Example rabbit irradiation setup showing the utilization of commissioned Linatron in small animal irradiation studies. (a) An euthanized rabbit was supported vertically with build-in holder and exposed to a 2x2 cm2 field at 220 cm SSD( b). The total maximum dose was maintained to be < 20Gy per fraction as per the institutional animal protocol [63].

Results

Linatron output constancy and time linearity

The Linatron output is controlled either per time unit or as total dose (cGy). IC measurements were performed to verify the Linatron output (cGy/min) variability with time and by measuring the timer-to-output Linatron linearity.
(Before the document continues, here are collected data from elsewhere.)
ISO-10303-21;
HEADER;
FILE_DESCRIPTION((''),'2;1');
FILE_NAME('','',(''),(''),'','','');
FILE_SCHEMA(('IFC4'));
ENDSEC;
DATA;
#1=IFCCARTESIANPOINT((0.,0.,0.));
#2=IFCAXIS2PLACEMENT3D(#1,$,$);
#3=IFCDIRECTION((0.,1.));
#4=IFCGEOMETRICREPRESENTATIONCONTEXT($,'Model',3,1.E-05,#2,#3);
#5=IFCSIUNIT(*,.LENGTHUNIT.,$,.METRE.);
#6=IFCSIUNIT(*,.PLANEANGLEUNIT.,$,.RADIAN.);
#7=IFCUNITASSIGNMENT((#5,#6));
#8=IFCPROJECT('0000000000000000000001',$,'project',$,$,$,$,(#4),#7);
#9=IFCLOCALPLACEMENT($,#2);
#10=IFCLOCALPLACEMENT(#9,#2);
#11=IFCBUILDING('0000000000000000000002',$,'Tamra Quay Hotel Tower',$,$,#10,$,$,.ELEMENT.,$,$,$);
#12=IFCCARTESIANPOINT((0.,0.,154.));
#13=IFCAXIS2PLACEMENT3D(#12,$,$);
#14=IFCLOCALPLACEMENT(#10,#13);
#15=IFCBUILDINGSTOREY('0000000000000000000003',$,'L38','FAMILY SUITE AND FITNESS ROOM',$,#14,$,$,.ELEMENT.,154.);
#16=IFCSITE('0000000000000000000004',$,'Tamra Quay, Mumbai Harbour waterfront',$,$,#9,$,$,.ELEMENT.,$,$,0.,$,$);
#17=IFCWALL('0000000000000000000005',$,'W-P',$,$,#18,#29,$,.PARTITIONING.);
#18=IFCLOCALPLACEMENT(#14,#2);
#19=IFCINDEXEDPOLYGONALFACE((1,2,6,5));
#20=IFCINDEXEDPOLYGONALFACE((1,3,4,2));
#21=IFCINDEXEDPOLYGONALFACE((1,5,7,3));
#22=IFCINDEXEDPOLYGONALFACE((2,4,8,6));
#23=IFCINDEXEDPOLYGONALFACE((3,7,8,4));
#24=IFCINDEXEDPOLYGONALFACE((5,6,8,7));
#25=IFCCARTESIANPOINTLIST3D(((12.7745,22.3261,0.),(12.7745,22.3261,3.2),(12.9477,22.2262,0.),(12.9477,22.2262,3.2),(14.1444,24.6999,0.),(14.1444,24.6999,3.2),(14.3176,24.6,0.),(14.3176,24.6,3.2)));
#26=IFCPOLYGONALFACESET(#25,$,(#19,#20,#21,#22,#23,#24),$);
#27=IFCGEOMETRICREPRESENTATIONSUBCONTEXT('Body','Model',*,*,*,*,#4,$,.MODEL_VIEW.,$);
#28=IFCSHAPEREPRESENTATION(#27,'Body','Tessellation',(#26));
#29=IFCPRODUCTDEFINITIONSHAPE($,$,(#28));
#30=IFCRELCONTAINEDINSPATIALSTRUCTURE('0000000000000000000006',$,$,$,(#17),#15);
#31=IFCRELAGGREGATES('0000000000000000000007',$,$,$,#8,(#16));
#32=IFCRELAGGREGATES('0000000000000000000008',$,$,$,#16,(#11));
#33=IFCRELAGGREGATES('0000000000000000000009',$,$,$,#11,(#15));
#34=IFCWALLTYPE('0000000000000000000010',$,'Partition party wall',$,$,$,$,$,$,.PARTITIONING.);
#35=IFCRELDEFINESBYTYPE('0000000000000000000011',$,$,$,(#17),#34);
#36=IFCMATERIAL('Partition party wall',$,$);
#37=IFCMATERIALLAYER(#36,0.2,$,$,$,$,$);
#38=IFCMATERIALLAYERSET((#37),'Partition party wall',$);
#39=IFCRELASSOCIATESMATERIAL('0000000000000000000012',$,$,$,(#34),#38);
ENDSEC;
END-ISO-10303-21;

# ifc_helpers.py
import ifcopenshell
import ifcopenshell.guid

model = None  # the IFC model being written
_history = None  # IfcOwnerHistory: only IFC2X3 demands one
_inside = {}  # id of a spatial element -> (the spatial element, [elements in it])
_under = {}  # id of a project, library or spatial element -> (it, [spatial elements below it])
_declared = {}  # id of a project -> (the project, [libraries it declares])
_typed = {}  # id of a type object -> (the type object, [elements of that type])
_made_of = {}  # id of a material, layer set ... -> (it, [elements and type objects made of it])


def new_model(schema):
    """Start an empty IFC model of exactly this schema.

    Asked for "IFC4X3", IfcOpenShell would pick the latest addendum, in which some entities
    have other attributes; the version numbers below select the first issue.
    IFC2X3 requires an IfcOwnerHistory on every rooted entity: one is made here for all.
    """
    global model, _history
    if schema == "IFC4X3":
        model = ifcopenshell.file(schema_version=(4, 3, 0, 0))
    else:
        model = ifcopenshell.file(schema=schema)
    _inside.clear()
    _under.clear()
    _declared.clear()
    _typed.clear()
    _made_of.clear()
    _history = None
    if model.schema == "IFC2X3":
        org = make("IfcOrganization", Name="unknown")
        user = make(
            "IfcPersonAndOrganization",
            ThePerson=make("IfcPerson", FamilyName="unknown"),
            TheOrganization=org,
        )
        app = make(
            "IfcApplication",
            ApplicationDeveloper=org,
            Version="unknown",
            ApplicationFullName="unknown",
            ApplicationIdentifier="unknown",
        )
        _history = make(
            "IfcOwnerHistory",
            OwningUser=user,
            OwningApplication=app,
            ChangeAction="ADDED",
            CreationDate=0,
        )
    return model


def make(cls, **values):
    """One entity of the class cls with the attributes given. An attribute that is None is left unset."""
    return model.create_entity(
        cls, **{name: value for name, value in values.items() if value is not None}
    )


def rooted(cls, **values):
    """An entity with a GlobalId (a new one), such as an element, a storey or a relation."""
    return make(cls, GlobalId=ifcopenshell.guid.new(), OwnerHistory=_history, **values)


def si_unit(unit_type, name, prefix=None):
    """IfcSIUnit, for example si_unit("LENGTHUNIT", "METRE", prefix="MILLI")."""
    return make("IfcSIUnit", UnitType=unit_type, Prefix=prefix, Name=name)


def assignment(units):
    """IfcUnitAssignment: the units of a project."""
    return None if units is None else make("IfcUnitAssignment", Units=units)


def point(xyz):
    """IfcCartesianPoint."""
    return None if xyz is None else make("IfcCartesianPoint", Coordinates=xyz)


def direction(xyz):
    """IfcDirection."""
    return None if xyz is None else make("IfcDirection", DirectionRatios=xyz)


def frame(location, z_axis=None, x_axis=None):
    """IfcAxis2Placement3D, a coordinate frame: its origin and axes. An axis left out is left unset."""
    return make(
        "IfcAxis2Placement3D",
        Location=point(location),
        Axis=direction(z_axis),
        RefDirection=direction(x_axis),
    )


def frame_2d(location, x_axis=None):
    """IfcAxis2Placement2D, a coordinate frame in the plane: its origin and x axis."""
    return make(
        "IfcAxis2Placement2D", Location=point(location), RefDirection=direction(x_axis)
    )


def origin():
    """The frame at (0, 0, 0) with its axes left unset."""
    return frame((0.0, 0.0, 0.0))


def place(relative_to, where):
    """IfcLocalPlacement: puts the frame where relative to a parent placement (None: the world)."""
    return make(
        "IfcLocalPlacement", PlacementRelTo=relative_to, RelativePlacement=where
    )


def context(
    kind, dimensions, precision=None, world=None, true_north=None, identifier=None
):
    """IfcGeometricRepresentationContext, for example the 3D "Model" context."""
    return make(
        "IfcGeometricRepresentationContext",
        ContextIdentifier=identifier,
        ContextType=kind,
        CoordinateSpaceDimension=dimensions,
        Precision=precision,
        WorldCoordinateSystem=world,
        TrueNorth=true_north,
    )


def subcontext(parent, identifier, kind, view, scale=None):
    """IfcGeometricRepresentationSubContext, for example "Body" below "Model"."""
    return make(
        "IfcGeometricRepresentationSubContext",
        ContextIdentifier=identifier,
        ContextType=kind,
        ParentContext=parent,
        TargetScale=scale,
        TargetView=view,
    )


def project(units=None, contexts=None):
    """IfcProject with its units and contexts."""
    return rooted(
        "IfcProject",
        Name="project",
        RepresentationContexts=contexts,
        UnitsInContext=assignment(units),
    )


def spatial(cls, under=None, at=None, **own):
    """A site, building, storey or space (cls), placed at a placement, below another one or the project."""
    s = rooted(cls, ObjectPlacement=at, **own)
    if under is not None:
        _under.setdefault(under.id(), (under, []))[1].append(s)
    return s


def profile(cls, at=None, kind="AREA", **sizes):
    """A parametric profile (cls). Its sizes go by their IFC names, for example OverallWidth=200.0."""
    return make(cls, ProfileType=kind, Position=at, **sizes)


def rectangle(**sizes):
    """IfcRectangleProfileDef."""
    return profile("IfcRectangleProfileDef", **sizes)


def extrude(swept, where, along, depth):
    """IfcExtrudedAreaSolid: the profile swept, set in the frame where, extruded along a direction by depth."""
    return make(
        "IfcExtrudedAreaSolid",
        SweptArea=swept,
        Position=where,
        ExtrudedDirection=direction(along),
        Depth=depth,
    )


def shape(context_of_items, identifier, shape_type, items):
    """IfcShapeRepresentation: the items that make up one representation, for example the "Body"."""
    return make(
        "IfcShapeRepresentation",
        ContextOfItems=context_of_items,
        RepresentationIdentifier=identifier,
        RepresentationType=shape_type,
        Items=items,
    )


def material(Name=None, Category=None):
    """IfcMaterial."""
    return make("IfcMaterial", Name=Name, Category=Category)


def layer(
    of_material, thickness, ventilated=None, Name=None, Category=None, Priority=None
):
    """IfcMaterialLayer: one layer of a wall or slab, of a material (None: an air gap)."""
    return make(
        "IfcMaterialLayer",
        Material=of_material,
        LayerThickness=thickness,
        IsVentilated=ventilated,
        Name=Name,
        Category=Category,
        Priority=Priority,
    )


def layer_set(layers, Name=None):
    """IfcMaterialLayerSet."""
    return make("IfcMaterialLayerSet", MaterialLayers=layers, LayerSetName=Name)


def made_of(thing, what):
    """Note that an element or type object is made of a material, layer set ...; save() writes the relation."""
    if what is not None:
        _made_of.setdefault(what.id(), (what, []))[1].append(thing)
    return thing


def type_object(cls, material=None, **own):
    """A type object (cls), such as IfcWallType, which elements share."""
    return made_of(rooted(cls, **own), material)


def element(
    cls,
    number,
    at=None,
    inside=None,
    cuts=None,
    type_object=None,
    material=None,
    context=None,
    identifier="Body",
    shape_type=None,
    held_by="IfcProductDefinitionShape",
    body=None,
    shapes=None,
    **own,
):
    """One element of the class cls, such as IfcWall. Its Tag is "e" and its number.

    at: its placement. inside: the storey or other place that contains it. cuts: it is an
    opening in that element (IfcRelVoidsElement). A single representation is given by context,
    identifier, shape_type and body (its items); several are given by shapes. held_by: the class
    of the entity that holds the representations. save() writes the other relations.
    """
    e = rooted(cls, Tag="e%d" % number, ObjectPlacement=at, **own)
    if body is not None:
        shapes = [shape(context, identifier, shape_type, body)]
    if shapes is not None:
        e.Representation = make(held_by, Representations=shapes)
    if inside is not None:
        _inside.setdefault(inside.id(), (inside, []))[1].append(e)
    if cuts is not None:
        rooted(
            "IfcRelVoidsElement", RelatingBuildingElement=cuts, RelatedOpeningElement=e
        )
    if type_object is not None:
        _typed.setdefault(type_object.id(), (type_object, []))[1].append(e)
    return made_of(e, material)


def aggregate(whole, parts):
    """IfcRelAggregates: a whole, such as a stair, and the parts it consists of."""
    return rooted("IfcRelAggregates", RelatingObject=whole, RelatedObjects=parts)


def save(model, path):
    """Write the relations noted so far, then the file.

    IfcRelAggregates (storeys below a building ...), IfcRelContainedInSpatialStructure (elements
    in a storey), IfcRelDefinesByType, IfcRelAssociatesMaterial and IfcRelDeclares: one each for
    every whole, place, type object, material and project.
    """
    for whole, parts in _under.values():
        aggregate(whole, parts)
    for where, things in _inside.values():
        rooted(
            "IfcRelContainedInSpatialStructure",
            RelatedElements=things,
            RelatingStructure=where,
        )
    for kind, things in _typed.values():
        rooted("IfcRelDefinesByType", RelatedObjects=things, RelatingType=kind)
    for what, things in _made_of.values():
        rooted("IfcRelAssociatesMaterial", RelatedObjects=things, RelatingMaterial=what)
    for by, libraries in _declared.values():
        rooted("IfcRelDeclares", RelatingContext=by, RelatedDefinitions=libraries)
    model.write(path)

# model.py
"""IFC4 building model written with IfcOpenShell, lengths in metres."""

from ifc_helpers import new_model, si_unit, direction, frame, frame_2d, origin, place, context, subcontext, project, spatial, rectangle, extrude, material, layer, layer_set, type_object, element, save


model = new_model("IFC4")

# Units and contexts
model_context = context("Model", 3, precision=1e-05, world=origin(), true_north=direction((0.0, 1.0)))
body_context = subcontext(model_context, "Body", "Model", "MODEL_VIEW")
ifc_project = project(units=[si_unit("LENGTHUNIT", "METRE"), si_unit("PLANEANGLEUNIT", "RADIAN")], contexts=[model_context])

# Site, building, storey
site_placement = place(None, origin())
site = spatial("IfcSite", under=ifc_project, at=site_placement, Name="Tamra Quay, Mumbai Harbour waterfront", CompositionType="ELEMENT", RefElevation=0.0)
building_placement = place(site_placement, origin())
building = spatial("IfcBuilding", under=site, at=building_placement, Name="Tamra Quay Hotel Tower", CompositionType="ELEMENT")
storey_placement = place(building_placement, frame((0.0, 0.0, 154.0)))
storey = spatial("IfcBuildingStorey", under=building, at=storey_placement, Name="L38", Description="FAMILY SUITE AND FITNESS ROOM", CompositionType="ELEMENT", Elevation=154.0)

# Wall
ifc_material_1 = material(Name="Partition party wall")
ifc_layer_1 = layer(ifc_material_1, 0.2)
ifc_layer_set_1 = layer_set([ifc_layer_1], Name="Partition party wall")
wall_type_1 = type_object("IfcWallType", Name="Partition party wall", PredefinedType="PARTITIONING", material=ifc_layer_set_1)
wall_1_placement = place(storey_placement, frame((12.8611, 22.2761, 0.0), z_axis=(0.0, 0.0, 1.0), x_axis=(0.499828, 0.866125, 0.0)))
element("IfcWall", 1, at=wall_1_placement, inside=storey, type_object=wall_type_1, Name="W-P", PredefinedType="PARTITIONING", context=body_context, shape_type="SweptSolid", body=[
    extrude(rectangle(XDim=2.7407, YDim=0.2, at=frame_2d((1.3704, 0.0))), origin(), (0.0, 0.0, 1.0), 3.2),
])

save(model, "model.ifc")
The Linatron output variability with time after the first irradiation was measured on two different days within a month period with a standard deviation between the absolute dose readings of 0.61% and 0.48% on the first and second day. The Linatron output increases with time after its first operation. The variability of the Linatron output at its first operation was 0.51% corresponding to absolute dose variability measured with A-14 IC weekly of 0.55% on four different days over nearly a month. Overall, the reported variability of the Linatron during its expected operational hours is <1% (Table 1, Table 2) as verified with the measured dose of A-14 IC. The total dose measured at variable irradiation times (minutes) was found to follow a linear trend as expected with a reported R2 value of 1 based on the A14 IC dose readings in cGy and the Linatron output reading as well (Fig. 4). The Linatron output rate (cGy/min) remained relatively constant during the total irradiation time with an average of 600.44± 0.76 cGy/min which was verified with the A-14 IC to be 145.60±0.29 cGy/min.

Table 1.

Daily Linatron output variability with time (intra-day variability) for 3 minutes of irradiation

Irradiation Time
(Hours)
5/3/2019 5/4/2019
Absolute Dose
(cGy/min)
Linatron Output
Reading( cGy/min)
Absolute Dose
(cGy/min)
Linatron Output
Reading( cGy/min)
0.00 146.41±0.49 601.23±0.81 146.64±0.85 603.5±0.95
2.50 147.97±0.28 600.67±1.28 148.05±0.38 601.47±0.36
3.50 148.52±0.47 601.40±0.69 -- --

Table 2.

First operation Linatron output variability with date of exposure (inter-day variability).

Date of irradiation Absolute Dose
(cGy/min)
Linatron Output Reading
(cGy/min)
5/3/2019 146.41±0.49 601.22±0.81
21/3/2019 144.58±0.32 595.42±0.86
5/4/2019 146.64±0.85 603.5±0.95
11/4/2019 145.57±0.11 597.76±11.84

Fig. 4.

Fig. 4.

Linatron output-timer linearity absolute measurement verification with A14 IC; absolute total dose measured as the average of three different trials and the error is the standard deviation between trials. The smaller error bars (much smaller than the marker sizes) represent the uncertainty in the measurements.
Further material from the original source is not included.